To estimate these parameters, which are not attainable through experiments, we have performed in this study computer stochastic simulations of InsP3-induced activation of channels, grouped in a cluster and placed in a cytoplasmic-like environment. Following our previous study (15), the kinetic parameters for channel gating and Ca2+ diffusion in the cytoplasm were chosen to allow optimal fit to previously published experimental observations, and we searched for geometrical characteristics of the channel cluster allowing appropriate channel synchronization within the cluster. From our simulations, we conclude that a Ca2+ releasing site probably consists of a few tens of very closely packed InsP3-sensitive Ca2+ channels: A square-shaped lattice of 25 channels in close contact leads to theoretical distributions of Ca2+ signal amplitudes compatible with experimentally observed distributions.
Simulation Procedures
The numerical procedure used to generate Ca2+ signals is based on stochastic simulation of the transitions between the various states of the InsP3-sensitive Ca2+ channel and on deterministic calculation of Ca2+ diffusion in a buffered cytosolic-like medium. This procedure, elaborated and described in detail in a previous work (15), was based on a gating model (Fig. 1) differing from the original one by the order of the InsP3 binding reaction (third order instead of second order).
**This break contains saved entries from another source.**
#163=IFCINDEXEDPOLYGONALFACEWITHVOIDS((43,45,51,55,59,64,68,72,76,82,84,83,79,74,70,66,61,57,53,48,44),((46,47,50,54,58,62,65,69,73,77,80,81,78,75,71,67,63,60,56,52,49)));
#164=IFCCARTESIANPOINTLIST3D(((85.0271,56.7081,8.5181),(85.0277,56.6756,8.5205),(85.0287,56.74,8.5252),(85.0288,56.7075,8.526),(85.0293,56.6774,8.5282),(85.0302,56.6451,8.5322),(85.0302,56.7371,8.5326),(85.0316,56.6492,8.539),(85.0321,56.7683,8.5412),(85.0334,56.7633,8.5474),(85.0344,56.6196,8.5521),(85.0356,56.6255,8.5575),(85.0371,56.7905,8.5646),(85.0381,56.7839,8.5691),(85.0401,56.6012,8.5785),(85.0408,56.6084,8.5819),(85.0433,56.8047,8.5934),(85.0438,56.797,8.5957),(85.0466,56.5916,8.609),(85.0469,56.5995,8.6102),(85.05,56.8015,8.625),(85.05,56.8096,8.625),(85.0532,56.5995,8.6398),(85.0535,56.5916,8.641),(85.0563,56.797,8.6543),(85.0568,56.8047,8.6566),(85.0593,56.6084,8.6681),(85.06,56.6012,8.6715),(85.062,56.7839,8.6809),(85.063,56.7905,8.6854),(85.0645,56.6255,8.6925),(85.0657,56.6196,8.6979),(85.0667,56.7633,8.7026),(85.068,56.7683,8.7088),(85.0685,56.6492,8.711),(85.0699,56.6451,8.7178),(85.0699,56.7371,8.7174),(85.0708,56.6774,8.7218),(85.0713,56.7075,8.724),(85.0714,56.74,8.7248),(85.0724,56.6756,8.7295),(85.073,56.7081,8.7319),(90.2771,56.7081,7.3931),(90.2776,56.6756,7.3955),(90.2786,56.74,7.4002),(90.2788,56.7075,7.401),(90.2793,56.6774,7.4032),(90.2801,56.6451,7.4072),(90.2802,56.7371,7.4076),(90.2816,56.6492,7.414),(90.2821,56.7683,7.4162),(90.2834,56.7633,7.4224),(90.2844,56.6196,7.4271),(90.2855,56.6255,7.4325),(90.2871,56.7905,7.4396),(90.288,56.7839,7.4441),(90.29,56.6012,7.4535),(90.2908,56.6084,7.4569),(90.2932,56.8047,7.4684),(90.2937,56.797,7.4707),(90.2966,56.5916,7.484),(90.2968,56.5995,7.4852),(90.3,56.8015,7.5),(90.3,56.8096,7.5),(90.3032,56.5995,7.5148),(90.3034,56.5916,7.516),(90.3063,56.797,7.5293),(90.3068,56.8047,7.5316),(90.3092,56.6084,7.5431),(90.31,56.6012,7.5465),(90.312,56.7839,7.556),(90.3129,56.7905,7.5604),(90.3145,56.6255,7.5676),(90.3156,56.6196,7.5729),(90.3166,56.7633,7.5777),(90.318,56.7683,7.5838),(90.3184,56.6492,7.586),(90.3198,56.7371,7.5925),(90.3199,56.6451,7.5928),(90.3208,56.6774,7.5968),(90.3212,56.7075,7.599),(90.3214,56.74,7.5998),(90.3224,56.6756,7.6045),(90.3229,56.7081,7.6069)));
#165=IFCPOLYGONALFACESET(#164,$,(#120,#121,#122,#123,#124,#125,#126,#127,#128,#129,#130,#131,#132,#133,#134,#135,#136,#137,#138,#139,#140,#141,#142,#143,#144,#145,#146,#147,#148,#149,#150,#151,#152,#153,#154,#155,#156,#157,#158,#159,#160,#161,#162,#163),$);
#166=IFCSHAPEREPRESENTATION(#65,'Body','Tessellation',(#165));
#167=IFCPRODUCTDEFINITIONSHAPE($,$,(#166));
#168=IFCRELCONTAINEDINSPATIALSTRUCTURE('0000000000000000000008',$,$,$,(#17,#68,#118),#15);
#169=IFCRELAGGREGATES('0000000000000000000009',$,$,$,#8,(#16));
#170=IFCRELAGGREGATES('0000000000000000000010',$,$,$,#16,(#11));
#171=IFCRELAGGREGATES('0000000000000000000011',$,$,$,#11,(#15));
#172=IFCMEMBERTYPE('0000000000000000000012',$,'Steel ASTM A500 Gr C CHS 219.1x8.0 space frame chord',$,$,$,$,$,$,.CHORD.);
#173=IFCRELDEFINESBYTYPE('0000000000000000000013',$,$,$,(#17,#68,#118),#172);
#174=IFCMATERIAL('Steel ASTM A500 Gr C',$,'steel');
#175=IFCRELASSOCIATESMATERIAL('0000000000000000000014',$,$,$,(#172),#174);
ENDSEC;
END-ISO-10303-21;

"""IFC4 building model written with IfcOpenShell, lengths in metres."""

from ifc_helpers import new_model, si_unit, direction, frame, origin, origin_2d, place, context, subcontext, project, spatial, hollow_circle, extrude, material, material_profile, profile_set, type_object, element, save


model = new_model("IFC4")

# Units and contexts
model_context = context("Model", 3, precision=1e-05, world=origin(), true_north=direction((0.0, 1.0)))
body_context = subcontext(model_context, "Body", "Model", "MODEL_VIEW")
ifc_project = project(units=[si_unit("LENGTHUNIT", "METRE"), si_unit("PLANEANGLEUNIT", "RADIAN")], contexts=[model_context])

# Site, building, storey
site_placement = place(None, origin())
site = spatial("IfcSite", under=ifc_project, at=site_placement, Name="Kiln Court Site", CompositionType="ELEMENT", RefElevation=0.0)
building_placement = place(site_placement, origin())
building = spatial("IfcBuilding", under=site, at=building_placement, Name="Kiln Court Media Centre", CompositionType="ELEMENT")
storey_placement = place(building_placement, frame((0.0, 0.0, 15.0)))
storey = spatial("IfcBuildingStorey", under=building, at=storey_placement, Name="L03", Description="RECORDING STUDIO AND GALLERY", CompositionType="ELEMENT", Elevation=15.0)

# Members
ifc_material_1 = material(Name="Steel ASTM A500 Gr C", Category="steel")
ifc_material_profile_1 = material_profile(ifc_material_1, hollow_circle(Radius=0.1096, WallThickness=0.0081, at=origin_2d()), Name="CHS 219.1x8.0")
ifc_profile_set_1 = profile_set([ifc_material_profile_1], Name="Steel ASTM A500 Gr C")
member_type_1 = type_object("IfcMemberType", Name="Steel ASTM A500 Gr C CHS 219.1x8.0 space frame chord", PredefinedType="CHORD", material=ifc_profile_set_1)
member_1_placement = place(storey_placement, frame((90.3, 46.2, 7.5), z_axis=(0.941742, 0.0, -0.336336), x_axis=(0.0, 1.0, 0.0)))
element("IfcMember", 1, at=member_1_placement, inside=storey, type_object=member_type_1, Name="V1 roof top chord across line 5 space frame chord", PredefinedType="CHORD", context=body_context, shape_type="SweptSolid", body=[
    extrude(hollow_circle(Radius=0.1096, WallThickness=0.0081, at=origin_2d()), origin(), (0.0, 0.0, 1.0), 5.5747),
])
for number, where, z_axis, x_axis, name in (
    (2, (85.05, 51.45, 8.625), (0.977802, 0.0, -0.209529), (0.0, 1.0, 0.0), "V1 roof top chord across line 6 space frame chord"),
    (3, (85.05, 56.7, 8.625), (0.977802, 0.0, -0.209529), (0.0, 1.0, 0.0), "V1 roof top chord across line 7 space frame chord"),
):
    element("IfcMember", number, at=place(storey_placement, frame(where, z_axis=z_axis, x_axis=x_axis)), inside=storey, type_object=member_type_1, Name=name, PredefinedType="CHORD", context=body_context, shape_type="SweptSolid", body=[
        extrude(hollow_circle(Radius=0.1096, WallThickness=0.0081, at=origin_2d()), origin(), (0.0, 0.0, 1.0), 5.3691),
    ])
The probabilistic approach may be summarized as follows. At any time t, the state of each channel was defined by the numbers of InsP3 molecules bound to the receptor and the number of Ca2+ ions bound to the activating and/or desensitizing sites. Given the InsP3 and Ca2+ concentrations in the channel vicinity and the kinetic constants characterizing the transitions to other states (see scheme in Fig. 1), the probabilities for all possible transitions within a small time interval Δt were computed and were represented in a [0,1] interval by a series of consecutive segments. A random number then was generated between 0 and 1, falling into a segment that defined the channel state at time t + Δt. This procedure was reproduced for each channel at each time step. When a channel was in the open state, R220, this was assumed to result in a Ca2+ current of 0.1 pA into the corresponding box of the discretized space (see below).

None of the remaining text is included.